Is qmail is good enough or do I have to choose postfix or exim? Which one and why?
Qmail's got two problems that were enough for me to
replace it.

1.  It doesn't know how to reject anything in the SMTP
cycle.  It swallows everything and then barfs up the crap.
Generates a lot of backscatter.  So much that you can get
blocked by AOL if some spammer spoofs them a lot.

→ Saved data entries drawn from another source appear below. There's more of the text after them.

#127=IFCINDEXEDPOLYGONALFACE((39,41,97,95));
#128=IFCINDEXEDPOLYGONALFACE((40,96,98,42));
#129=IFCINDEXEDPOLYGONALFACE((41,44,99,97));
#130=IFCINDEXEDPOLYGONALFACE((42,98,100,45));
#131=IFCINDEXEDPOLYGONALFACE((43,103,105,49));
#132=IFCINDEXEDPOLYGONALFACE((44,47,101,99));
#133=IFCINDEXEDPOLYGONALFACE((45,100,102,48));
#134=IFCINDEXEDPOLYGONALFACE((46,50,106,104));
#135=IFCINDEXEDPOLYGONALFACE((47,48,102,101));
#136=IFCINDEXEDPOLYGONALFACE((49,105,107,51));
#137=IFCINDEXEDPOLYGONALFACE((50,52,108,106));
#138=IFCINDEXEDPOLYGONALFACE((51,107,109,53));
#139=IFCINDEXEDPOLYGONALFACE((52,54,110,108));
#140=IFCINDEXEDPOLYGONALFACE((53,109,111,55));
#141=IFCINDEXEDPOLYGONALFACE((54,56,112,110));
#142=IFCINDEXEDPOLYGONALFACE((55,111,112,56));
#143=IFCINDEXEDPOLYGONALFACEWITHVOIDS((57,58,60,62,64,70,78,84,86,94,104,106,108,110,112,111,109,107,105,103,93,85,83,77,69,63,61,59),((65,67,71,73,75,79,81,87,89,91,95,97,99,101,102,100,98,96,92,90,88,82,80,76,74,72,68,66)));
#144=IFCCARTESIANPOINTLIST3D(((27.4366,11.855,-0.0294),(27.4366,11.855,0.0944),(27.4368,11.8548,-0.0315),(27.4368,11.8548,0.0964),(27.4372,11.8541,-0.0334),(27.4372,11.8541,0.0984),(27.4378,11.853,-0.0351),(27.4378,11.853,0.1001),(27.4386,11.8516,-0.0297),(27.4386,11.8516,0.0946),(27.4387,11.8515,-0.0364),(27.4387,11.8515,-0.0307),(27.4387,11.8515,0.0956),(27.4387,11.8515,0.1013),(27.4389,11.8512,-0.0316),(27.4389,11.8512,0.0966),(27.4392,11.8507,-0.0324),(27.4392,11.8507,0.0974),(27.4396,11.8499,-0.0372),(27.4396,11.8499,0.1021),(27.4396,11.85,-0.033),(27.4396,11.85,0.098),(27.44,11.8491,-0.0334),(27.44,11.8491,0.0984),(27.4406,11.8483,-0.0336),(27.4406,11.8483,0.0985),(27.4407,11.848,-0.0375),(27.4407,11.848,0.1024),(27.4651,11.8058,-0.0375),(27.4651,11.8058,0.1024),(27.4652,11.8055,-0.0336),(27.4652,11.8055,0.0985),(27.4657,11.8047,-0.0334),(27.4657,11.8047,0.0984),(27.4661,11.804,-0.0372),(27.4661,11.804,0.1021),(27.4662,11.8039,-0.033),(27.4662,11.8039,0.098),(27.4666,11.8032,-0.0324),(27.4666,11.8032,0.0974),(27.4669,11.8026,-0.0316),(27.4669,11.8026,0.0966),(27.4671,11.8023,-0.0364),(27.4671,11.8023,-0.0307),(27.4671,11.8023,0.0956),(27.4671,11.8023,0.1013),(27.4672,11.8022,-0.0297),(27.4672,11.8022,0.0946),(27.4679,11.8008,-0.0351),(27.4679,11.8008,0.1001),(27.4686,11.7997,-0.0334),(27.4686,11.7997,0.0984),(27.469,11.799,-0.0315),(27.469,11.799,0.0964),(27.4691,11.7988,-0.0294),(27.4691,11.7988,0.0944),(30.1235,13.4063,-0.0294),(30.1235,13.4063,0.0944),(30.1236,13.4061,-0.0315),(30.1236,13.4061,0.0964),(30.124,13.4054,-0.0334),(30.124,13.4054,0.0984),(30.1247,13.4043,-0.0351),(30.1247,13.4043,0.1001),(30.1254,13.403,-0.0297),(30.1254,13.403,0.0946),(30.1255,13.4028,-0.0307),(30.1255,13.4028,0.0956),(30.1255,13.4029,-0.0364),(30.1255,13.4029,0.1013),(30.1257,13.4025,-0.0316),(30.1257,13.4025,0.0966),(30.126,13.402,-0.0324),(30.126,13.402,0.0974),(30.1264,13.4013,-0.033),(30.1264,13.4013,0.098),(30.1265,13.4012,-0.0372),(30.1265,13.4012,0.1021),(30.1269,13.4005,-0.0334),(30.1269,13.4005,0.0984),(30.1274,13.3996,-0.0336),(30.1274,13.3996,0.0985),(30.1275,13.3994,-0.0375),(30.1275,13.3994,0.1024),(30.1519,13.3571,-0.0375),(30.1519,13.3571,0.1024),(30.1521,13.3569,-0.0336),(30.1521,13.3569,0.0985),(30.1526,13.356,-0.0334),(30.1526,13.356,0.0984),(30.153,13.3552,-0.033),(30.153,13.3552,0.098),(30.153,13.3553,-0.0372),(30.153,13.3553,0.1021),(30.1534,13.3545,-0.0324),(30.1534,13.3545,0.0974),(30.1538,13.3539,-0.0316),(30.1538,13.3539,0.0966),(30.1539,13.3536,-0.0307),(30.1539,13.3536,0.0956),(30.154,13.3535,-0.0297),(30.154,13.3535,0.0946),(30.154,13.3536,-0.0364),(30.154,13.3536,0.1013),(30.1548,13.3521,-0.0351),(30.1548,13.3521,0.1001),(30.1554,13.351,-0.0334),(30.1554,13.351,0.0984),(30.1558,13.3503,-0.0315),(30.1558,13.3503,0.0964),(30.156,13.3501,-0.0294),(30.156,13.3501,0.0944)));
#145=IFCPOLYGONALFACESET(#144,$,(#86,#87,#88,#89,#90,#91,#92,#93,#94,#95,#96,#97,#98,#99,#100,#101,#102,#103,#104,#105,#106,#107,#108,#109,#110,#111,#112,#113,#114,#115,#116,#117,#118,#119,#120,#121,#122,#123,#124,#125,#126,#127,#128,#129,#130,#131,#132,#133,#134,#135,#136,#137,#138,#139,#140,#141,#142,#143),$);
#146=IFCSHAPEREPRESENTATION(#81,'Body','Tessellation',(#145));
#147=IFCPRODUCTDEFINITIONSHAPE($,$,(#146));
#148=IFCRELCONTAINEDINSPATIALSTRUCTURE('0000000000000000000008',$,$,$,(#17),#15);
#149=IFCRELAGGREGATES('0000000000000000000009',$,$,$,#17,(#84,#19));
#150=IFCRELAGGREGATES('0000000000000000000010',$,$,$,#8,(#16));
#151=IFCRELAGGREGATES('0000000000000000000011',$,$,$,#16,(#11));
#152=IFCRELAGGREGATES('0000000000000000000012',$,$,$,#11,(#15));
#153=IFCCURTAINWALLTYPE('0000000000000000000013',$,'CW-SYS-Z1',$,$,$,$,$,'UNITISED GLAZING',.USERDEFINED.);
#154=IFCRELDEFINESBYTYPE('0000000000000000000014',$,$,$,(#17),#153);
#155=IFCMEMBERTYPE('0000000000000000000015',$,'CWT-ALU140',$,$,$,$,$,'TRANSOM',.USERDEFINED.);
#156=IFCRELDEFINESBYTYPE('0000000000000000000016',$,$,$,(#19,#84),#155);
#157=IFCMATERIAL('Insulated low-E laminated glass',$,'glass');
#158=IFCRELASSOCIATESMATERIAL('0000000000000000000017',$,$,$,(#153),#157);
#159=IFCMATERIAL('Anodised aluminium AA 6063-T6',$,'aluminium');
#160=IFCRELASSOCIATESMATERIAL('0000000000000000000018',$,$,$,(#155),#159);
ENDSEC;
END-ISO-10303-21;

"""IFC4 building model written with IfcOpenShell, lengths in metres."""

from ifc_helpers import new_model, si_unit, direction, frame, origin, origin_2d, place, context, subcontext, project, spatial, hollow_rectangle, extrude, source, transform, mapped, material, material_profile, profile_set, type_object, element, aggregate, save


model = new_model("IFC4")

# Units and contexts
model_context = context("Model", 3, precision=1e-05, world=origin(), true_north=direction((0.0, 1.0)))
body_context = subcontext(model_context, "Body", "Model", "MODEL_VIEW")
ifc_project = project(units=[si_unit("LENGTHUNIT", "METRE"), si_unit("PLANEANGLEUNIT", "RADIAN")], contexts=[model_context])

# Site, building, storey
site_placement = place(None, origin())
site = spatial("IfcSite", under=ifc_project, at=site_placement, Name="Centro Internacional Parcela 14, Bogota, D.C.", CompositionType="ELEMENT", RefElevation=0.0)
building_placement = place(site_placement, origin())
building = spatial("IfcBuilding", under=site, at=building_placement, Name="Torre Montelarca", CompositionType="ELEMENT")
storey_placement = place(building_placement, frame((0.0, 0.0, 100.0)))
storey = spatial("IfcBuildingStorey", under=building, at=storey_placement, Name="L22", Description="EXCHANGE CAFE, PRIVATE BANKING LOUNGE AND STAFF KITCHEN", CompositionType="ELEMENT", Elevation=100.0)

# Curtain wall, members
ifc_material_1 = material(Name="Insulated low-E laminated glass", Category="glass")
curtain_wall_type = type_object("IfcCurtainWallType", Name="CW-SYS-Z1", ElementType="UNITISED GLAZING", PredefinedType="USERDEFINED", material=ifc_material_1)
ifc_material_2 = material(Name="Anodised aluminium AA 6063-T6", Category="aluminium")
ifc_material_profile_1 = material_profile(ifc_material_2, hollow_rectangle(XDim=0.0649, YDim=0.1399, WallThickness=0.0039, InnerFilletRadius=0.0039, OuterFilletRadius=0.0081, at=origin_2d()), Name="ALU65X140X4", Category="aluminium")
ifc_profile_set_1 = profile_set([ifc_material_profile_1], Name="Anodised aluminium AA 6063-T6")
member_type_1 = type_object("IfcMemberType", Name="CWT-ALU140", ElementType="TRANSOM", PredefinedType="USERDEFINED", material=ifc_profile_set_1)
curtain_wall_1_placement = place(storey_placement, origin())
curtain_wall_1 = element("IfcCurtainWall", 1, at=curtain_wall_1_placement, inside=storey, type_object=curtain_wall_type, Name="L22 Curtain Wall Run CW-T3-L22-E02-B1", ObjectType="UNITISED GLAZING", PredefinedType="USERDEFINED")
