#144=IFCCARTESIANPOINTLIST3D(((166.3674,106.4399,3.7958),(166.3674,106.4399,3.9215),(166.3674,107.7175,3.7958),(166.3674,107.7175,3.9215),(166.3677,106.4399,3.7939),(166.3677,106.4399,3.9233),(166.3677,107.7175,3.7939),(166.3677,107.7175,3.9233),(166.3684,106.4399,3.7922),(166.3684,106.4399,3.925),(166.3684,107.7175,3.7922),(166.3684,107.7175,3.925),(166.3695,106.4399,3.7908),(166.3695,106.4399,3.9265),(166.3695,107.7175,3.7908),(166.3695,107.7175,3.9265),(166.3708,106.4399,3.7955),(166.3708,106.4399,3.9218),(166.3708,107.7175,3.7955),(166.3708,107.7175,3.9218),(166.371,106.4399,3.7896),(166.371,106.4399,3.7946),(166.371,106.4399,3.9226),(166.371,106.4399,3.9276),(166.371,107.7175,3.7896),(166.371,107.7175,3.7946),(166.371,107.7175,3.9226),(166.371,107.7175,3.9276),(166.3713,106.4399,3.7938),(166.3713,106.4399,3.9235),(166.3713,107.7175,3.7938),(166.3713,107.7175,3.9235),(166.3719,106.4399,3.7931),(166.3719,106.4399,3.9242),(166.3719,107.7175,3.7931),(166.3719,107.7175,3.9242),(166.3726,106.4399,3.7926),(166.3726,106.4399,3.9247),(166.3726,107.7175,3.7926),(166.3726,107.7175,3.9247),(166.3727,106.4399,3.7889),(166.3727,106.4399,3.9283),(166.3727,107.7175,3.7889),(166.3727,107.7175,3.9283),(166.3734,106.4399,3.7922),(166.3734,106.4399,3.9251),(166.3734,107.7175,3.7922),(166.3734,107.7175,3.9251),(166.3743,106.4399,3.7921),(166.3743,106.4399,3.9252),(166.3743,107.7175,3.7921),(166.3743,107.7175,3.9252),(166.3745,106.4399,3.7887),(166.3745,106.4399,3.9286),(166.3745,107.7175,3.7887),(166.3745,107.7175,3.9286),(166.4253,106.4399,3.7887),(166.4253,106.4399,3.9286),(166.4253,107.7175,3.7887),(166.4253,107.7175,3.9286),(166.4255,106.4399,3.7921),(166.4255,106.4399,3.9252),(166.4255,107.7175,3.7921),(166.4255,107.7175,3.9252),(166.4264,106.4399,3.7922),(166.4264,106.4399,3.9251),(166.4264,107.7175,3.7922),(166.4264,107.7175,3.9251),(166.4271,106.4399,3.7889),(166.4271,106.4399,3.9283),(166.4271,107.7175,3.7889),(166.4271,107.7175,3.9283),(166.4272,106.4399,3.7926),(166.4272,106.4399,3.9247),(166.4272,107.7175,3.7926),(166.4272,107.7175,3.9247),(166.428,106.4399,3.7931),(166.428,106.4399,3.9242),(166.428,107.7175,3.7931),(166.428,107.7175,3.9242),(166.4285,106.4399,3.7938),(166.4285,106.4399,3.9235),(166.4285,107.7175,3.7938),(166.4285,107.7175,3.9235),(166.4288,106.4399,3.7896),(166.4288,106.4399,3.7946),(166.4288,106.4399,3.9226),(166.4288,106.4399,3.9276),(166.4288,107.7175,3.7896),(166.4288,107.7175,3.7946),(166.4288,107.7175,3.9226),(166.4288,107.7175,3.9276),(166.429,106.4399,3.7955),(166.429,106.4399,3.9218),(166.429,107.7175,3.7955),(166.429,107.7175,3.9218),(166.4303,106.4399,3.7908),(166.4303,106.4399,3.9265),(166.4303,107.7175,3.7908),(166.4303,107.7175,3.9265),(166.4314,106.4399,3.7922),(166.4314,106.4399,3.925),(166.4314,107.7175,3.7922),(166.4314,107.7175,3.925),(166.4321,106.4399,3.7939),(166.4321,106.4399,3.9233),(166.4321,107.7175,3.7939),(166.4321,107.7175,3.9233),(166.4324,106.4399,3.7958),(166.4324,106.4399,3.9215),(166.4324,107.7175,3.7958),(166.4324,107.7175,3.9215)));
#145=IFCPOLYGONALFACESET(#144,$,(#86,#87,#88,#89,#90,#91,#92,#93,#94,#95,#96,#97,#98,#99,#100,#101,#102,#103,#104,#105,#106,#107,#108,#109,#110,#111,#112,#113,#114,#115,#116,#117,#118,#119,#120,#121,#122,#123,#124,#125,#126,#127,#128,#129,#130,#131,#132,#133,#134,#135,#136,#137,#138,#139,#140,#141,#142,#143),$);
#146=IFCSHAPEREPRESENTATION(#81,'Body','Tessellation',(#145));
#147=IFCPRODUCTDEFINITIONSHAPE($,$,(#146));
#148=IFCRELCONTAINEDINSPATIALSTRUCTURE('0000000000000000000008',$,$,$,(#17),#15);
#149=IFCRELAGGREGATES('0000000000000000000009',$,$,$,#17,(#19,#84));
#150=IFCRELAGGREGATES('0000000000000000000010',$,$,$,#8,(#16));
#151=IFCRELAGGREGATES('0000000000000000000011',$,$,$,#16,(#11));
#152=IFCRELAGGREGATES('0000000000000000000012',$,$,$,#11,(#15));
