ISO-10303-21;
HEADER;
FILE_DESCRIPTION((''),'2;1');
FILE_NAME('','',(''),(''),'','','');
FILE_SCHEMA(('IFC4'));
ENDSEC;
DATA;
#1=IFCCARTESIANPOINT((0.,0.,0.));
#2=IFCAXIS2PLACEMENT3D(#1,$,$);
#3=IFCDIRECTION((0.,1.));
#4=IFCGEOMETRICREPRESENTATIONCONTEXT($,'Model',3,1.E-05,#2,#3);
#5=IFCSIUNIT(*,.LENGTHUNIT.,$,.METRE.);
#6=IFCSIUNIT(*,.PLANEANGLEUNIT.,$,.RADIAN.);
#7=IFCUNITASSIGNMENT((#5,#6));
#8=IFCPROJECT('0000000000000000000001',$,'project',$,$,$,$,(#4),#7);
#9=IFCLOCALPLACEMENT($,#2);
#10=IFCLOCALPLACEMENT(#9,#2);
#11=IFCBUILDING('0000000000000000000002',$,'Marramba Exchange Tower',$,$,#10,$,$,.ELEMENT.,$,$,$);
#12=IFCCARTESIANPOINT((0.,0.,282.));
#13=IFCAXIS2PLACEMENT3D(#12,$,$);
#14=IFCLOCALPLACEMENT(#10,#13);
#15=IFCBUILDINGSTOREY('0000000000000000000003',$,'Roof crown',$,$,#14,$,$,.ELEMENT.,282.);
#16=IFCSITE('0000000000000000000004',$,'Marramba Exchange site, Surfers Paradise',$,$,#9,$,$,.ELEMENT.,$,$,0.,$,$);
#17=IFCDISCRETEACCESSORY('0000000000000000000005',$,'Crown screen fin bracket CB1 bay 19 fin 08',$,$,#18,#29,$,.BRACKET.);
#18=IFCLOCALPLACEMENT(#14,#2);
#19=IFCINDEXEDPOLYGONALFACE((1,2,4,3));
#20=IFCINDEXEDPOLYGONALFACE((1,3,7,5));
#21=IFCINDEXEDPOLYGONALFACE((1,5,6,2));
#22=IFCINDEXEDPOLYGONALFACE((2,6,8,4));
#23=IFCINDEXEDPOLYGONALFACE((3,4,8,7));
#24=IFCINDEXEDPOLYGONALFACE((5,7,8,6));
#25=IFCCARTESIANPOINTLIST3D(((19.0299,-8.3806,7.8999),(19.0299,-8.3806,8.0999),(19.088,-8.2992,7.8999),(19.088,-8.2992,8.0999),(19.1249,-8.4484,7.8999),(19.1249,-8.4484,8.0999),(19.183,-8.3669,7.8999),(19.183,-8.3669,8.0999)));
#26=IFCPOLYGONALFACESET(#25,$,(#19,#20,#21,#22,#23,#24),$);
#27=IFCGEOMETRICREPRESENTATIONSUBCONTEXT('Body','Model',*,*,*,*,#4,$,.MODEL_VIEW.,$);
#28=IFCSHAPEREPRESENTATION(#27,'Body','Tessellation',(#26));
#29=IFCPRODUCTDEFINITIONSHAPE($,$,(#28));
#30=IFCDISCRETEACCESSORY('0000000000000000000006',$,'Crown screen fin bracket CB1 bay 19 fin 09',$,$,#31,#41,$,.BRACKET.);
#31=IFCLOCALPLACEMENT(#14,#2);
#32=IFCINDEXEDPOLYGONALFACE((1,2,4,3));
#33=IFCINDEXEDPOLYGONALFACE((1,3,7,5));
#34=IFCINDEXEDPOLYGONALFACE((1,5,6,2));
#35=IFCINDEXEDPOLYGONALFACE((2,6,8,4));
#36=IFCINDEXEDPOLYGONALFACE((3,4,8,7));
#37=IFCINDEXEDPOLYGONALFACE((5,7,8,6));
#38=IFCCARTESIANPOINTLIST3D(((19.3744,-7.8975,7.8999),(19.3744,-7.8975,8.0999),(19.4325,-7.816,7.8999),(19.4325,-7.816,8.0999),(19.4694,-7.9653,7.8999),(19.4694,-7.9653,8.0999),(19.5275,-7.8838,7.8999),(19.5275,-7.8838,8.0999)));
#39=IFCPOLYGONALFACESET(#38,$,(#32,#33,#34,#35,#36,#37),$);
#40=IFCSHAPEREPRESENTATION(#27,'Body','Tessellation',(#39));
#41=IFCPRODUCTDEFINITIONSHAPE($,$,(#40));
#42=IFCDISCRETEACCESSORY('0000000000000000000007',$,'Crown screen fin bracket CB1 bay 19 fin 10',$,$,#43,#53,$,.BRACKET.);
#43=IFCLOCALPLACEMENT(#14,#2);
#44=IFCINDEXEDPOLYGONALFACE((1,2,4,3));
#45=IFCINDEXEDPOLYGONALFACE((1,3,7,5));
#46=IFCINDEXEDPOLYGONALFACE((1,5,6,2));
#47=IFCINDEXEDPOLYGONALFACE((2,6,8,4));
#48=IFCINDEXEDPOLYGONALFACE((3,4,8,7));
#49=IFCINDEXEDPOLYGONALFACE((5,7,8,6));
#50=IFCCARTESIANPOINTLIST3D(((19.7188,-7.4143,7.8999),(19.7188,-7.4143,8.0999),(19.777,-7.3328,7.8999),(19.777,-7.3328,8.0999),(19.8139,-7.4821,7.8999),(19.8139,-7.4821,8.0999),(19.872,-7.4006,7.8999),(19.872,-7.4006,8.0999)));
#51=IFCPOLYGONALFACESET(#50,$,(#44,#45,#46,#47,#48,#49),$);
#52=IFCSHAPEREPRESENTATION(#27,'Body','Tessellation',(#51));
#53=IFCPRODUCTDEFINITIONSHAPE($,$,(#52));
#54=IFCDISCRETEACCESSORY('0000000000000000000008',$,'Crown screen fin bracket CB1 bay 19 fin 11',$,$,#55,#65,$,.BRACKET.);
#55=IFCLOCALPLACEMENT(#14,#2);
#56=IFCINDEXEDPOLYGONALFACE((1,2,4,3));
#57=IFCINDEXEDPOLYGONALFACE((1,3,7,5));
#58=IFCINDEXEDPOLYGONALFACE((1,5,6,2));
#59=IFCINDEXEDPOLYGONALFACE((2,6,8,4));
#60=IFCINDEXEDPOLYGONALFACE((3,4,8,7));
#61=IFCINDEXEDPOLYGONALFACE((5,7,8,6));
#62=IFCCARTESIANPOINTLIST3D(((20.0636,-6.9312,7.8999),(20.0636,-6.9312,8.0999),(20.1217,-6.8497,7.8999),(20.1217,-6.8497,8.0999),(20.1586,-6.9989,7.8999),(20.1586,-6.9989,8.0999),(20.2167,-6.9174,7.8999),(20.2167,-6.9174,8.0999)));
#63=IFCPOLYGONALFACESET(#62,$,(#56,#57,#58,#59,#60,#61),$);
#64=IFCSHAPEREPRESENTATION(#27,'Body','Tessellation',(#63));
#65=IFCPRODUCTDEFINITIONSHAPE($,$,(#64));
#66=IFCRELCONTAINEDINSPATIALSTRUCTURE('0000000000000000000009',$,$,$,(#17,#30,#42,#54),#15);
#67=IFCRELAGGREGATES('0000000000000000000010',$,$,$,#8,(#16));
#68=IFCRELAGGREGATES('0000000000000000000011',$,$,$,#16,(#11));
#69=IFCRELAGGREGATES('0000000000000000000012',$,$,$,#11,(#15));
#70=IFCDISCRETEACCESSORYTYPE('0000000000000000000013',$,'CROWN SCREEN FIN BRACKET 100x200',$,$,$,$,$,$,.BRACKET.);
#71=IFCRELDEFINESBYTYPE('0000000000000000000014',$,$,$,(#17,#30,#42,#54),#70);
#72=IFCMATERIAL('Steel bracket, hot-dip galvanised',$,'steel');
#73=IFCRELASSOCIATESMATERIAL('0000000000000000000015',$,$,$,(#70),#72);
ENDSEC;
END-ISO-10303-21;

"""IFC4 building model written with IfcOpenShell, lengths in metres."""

from ifc_helpers import new_model, si_unit, direction, frame, origin, origin_2d, place, context, subcontext, project, spatial, rectangle, extrude, material, type_object, element, save


model = new_model("IFC4")

# Units and contexts
model_context = context("Model", 3, precision=1e-05, world=origin(), true_north=direction((0.0, 1.0)))
body_context = subcontext(model_context, "Body", "Model", "MODEL_VIEW")
ifc_project = project(units=[si_unit("LENGTHUNIT", "METRE"), si_unit("PLANEANGLEUNIT", "RADIAN")], contexts=[model_context])

# Site, building, storey
site_placement = place(None, origin())
site = spatial("IfcSite", under=ifc_project, at=site_placement, Name="Marramba Exchange site, Surfers Paradise", CompositionType="ELEMENT", RefElevation=0.0)
building_placement = place(site_placement, origin())
building = spatial("IfcBuilding", under=site, at=building_placement, Name="Marramba Exchange Tower", CompositionType="ELEMENT")
storey_placement = place(building_placement, frame((0.0, 0.0, 282.0)))
storey = spatial("IfcBuildingStorey", under=building, at=storey_placement, Name="Roof crown", CompositionType="ELEMENT", Elevation=282.0)

# Discrete accessories
ifc_material_1 = material(Name="Steel bracket, hot-dip galvanised", Category="steel")
discrete_accessory_type_1 = type_object("IfcDiscreteAccessoryType", Name="CROWN SCREEN FIN BRACKET 100x200", PredefinedType="BRACKET", material=ifc_material_1)
for number, where, z_axis, x_axis, name in (
    (1, (19.1064, -8.3738, 7.8999), (0.0, 0.0, 1.0), (0.58064, 0.81416, 0.0), "Crown screen fin bracket CB1 bay 19 fin 08"),
    (2, (19.4509, -7.8906, 7.8999), (0.0, 0.0, 1.0), (0.58064, 0.81416, 0.0), "Crown screen fin bracket CB1 bay 19 fin 09"),
    (3, (19.7954, -7.4075, 7.8999), (0.0, 0.0, 1.0), (0.58064, 0.81416, 0.0), "Crown screen fin bracket CB1 bay 19 fin 10"),
    (4, (20.1401, -6.9243, 7.8999), (0.0, 0.0, 1.0), (0.58064, 0.81416, 0.0), "Crown screen fin bracket CB1 bay 19 fin 11"),
):
    element("IfcDiscreteAccessory", number, at=place(storey_placement, frame(where, z_axis=z_axis, x_axis=x_axis)), inside=storey, type_object=discrete_accessory_type_1, Name=name, PredefinedType="BRACKET", context=body_context, shape_type="SweptSolid", body=[
        extrude(rectangle(XDim=0.1001, YDim=0.1167, at=origin_2d()), origin(), (0.0, 0.0, 1.0), 0.2),
    ])

save(model, "model.ifc")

This is not quite true. There is patches and helper programs which do
reject at the smtp level. Using ucspi-tcp allows the blocking of
messages at the smtp conversation, and then combined with simscan you
can also do filtering of spam and viruses and drop them at the smtp
conversation level as well.
Yes ! Please see http://qmail-spp.sourceforge.net/plugins/

All those plugins work at the SMTP level, before having traffic.
2.  It doesn't know how to bunch together multiple
recipients of the same message in the same domain.
So if you have 500 Yahoo subscribers on a mailing list,
it takes 500 separate processes and SMTP transactions
to deliver them.  Yahoo will block you for that.
Postfix will collect them together and do one
SMTP transaction.


Though im not 100% certain on this one, I am fairly certain there is a
patch for this as well.
Still in qmail-spp, the plugin "trapit" can be used for that kind of trouble. It adds a slow down between recipients, the more you add recipent, the more delay it adds, making it almost unusable the way you described (with 500 recipients). Most tool would just timeout and fail.

To me, the biggest problem with Qmail is more delayed bounce. Normally it doesn't happen because of the protections you have (SPF, RBL, trapit, etc...), but if for one reason it does, then your queue can be filled very fast. Does some of you know how to totally disable delayed bounce?